Hydrogen is a clean, abundant, and efficient form of energy, especially when used in fuel cells to generate electricity.
“Battery-powered propulsion to fuel larger aircraft over longer distances is not possible with today’s technology,” explains Matthieu Thomas, Airbus’ ZEROe Aircraft Lead Architect. “Hydrogen fuel cells could be a great alternative because they can generate—with zero emissions—significantly more power and energy for a given weight. This makes fuel cells an extremely interesting technology to achieve our ambitions.”
Hydrogen fuel powerplant benefits include:
- Regional transport range; longer flight times than battery-powered engines.
- No battery charging required.
- Zero carbon emissions.
- Reduced noise signature.
Both Hyundai and Rolls-Royce share a vision of leading the AAM segment via battery-electric and fuel-cell electric solutions to the Urban Air Mobility (UAM) and Regional Air Mobility (RAM) markets and advancing sustainable aviation.
The Memorandum of Understanding (MOU) between Rolls-Royce and Hyundai Motor Group includes five strategic aims:
- Collaborating on the technology development and requirements of power and propulsion systems for Hyundai’s Advanced Air Mobility Division.

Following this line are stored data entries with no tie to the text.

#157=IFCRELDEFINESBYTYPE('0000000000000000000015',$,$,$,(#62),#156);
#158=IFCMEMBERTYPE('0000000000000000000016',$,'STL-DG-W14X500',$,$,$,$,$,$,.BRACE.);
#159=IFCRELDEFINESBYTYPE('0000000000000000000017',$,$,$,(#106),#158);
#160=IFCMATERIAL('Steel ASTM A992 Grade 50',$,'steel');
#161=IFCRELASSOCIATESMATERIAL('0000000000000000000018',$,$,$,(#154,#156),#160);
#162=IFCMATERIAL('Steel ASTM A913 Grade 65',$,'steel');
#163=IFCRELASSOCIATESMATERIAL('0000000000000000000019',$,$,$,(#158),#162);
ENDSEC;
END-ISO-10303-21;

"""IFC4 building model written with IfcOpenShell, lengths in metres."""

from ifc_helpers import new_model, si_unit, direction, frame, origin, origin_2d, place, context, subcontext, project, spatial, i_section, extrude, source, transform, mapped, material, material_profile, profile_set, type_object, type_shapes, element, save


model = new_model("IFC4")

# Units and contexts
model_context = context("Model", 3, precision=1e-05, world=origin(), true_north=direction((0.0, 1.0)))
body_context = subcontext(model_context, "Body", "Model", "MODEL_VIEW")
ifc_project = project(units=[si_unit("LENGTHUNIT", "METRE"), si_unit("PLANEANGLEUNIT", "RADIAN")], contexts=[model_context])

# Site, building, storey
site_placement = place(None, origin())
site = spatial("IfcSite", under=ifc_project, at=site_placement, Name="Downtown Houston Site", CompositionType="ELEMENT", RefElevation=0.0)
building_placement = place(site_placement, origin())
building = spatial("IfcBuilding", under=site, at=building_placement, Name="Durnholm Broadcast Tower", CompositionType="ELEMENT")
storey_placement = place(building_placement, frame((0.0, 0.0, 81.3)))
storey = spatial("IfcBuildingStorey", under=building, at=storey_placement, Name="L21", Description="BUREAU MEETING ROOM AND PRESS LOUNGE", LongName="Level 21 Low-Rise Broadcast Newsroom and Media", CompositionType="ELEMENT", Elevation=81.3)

- Collaborating on the industrialization of Rolls-Royce power and propulsion systems for the Advanced Air Mobility market.
- Development of electric propulsion systems based on hydrogen fuel cells as an energy source for Hyundai’s RAM platforms.
- Collaborating to bring to market a joint fuel-cell electric propulsion system to the wider AAM market.
- Delivering a joint fuel-cell electric-aircraft demonstration by 2025.
Hydrogen Fuel-Cell Power Plant
Elsewhere, Los Angeles-based Hydroplane has announced a pre-launch, no obligation waitlist for the first Hydroplane hydrogen fuel-cell power plants. Pilots and aircraft owners on the waitlist will have the first opportunity to purchase Hydroplane's modular hydrogen fuel-cell power plant and will receive regular updates on the company's progress.
“Our fuel-cell electric power plant for single-engine aircraft is your opportunity to combat climate change, at altitude, by emitting only water,” said Hydroplane CEO Dr. Anita Sengupta.
Hydroplane is developing a modular 200-kW (270 hp) hydrogen fuel-cell power plant for the experimental aircraft, general aviation, and urban air-mobility markets that are said to outperform battery alternatives in endurance with no charge time.
Its novel electric propulsion power plant to replace combustion-piston-driven engines in currently certified, experimental, and future aircraft is specifically designed for single-engine aviation, as it’s lightweight with a compact form factor, highly durable, and emits only water. Hydroplane is on track to fly its demonstrator aircraft in 2023.